Style of the City’s Joanne Plumley gives us all the details on her experience at Park House restaurant. 

My husband and I eat out a lot, a hell of a lot… In fact, sometimes he protests we eat out too much. However, the maximum time that we usually spend devouring our food is an hour and a half, which makes us chuckle like school kids. We go in, scoff our food, ask for the bill and then breeze out.

It never feels like the restaurant is the destination, albeit a stopover or a bridge to fill the gap. This whole experience changed when we recently had dinner at ParkHouse, Cardiff. Our time there could be described as nothing less than a true culinary experience.

From the get-go I loved the start of the experience, ringing the doorbell of an oldie-worldie mid-century manor house that resembles an opulent, yet exclusive gentleman’s club of that era.

We were shown in and asked if we would like to start with a drink on the first floor. Of course, we agreed. The gin selection alone was mesmerizing and I’ve made a mental note to go back for more. While gin is my usual tipple, I gave in to the glitz and glamour of evening and I opted for a Kir Royale.

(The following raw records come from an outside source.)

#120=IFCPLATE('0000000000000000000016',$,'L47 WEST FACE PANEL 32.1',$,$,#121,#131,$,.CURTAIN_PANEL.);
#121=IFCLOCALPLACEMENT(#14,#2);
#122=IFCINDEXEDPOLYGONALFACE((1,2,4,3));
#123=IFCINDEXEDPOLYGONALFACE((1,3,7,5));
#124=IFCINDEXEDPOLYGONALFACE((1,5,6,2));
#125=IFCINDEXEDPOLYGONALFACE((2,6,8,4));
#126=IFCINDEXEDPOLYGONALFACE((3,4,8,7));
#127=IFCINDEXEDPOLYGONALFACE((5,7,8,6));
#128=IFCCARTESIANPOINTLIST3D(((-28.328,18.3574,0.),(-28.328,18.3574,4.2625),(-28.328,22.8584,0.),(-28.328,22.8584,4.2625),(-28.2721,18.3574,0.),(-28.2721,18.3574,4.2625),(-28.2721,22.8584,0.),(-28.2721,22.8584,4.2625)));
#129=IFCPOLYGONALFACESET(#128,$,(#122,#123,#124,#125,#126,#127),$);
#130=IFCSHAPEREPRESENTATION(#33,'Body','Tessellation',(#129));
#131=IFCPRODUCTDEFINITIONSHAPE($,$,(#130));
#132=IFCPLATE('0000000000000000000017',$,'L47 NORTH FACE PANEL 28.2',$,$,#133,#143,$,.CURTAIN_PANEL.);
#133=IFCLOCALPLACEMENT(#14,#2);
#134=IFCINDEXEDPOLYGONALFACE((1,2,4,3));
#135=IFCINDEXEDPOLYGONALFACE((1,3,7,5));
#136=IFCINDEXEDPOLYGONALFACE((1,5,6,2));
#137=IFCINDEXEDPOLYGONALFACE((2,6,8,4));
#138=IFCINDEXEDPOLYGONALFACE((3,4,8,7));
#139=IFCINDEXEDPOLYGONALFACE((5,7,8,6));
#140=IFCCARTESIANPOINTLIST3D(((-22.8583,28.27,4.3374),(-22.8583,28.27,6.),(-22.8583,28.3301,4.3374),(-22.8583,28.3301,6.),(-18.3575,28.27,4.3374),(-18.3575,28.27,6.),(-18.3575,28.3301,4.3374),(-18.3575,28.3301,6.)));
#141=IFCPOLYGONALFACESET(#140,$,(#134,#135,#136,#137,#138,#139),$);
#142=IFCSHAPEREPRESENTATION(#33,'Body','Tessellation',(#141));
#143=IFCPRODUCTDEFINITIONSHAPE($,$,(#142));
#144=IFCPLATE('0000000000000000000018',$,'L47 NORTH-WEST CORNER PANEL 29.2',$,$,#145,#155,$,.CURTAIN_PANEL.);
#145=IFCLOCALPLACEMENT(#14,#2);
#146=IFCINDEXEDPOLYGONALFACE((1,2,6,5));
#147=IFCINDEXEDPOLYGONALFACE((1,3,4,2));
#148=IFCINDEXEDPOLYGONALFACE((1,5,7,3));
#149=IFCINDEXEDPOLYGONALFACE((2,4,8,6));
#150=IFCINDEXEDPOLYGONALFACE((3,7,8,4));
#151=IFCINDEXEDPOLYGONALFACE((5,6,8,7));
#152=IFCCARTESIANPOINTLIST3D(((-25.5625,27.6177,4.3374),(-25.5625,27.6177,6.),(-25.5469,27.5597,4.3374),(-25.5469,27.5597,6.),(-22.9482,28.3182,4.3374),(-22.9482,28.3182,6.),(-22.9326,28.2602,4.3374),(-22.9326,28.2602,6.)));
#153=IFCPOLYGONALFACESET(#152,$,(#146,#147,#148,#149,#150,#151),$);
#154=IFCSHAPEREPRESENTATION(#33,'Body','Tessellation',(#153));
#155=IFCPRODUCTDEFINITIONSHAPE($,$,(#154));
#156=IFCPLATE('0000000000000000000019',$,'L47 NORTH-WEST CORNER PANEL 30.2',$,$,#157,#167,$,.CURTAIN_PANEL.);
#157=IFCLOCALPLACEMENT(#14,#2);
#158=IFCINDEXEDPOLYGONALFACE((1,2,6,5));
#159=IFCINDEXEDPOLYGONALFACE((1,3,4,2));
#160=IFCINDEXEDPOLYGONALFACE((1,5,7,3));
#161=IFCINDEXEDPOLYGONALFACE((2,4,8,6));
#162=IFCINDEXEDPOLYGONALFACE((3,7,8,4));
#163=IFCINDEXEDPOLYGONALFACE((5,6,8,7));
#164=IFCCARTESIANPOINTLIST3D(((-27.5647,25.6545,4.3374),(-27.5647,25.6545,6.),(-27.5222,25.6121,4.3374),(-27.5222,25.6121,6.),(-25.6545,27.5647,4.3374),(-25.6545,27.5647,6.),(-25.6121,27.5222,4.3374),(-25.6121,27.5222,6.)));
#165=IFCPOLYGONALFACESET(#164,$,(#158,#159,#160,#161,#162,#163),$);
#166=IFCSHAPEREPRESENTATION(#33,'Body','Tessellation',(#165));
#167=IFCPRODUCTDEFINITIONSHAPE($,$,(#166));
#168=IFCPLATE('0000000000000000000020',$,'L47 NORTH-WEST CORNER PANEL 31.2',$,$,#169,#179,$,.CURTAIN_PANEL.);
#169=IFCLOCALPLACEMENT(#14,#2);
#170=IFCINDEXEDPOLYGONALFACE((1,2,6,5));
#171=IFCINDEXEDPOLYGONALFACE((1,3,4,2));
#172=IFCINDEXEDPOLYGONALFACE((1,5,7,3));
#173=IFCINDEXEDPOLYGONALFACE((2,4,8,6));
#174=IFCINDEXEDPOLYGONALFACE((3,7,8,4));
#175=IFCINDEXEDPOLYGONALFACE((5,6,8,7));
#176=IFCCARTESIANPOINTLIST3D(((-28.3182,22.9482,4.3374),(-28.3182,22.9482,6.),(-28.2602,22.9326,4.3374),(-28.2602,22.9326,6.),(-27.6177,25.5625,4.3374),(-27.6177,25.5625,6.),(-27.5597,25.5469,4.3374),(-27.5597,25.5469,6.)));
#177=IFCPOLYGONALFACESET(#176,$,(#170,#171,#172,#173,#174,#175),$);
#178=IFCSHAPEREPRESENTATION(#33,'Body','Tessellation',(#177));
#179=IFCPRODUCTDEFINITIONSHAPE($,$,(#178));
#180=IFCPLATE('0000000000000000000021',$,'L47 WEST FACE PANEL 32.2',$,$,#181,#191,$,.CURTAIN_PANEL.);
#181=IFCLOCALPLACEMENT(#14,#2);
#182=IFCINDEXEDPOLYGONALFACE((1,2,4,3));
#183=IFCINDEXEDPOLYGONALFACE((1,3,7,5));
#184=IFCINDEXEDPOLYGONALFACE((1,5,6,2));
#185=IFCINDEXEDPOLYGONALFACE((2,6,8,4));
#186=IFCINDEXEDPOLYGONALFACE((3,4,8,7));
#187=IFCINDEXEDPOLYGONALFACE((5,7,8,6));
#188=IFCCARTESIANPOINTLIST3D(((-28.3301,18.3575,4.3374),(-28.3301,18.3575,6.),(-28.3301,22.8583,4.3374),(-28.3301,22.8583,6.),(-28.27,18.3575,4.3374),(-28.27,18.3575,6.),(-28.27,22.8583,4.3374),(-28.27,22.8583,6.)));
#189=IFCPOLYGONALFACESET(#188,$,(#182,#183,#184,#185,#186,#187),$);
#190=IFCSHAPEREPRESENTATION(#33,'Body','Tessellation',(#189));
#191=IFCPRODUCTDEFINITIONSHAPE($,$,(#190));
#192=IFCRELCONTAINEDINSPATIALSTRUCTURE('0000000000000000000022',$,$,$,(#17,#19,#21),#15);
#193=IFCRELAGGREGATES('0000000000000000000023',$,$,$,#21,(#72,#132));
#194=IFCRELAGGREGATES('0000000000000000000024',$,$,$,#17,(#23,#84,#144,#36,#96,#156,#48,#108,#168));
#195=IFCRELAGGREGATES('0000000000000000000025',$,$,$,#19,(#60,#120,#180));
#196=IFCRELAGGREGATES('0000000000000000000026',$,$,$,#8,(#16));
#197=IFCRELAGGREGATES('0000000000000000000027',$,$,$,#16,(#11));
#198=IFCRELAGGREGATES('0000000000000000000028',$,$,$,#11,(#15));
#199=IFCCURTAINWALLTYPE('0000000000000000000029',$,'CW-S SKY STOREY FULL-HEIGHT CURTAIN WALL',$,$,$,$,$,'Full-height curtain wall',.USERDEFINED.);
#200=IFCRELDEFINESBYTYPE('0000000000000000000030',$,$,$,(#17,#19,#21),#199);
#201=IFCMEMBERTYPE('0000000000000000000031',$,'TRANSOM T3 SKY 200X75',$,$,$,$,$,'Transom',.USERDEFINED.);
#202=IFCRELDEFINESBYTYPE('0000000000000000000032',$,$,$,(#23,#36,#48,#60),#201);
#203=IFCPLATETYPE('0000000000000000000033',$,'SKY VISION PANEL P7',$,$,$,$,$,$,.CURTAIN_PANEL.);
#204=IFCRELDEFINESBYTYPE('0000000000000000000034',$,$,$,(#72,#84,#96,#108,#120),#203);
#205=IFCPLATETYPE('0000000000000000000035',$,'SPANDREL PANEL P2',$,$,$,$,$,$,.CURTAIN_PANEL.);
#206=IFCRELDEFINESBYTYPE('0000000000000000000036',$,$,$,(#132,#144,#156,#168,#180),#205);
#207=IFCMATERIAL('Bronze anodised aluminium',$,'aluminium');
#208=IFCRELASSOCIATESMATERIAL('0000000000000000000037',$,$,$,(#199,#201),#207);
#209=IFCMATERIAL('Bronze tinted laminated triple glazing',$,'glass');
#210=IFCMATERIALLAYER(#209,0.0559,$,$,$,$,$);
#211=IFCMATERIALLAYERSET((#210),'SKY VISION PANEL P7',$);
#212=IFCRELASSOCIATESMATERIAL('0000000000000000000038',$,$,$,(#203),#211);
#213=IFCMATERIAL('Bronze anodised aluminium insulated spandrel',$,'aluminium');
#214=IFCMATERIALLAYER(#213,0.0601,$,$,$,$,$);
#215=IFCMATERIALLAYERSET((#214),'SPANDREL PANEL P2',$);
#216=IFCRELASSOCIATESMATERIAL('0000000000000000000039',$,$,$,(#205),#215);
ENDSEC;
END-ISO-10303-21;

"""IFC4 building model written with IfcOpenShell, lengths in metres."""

After sipping our drinks, we were gracefully whisked up the most romantic looking staircase, carnally adorned in velvet and into the equally as decadent dining room. The vision from the (very) airy dining room faces out onto Cardiff Museum and surrounding luscious gardens.

Looking around, I admire the crockery straight away, which looks almost medieval. I note the irony, foreshadowing for the banquet that will be put before me.

Alex, our ever-knowledgeable waiter (that title does not even seem to do him justice), presents two variations of the night’s fare. Either an eight or five-course tasting menu or an ala carte option, we both opted for the latter; however, the choice was certainly not an easy one.

Our attentive sommelier turned waiter asked us if we were happy with him choosing the wines to escort our dishes-absolutely, we agreed in unison; and could not have been more content with our decision.

Five scrumptious different yet mouth-watering wines from varying regions of the world were offered along with our courses.

To say that Alex “knows his stuff” is an utter understatement. Not only were the wines completely complimentary but Alex also took the time to give us a back story and history lesson with each taste.

Froie Gras

Five equally as remarkable courses were paraded in front of us in true regal banquet form. From Canapés to Froie Gras that was served with a sweet pineapple, an uplifting gazpacho amuse-bouche, followed by a main of succulent juicy local lamb served with a courgette farcie.

This was all topped off by the most palatable and fully-loaded cheese trolley that I had ever set my eyes upon-complete with carbon crackers and real local honeycomb, finished by a marvelously piquant yet not to substantial strawberry macaroon desert.


Succulent Welsh Lamb

Not only were the food, wine, service and ambience simply out of this world, the whole evening from start to finish was a 4 hour event. I can only describe the evening as “dining theatre”; we felt at last that a restaurant visit was the actual destination, a real dining experience.

With the cost coming in around the same mark as our favourite steak “chain” restaurant in the city (where we are usually in and out in a heartbeat), the stark contrast in the actual dining experience is outstanding. If you are looking for affordable everyday luxury in an iconic building then you have found the right place.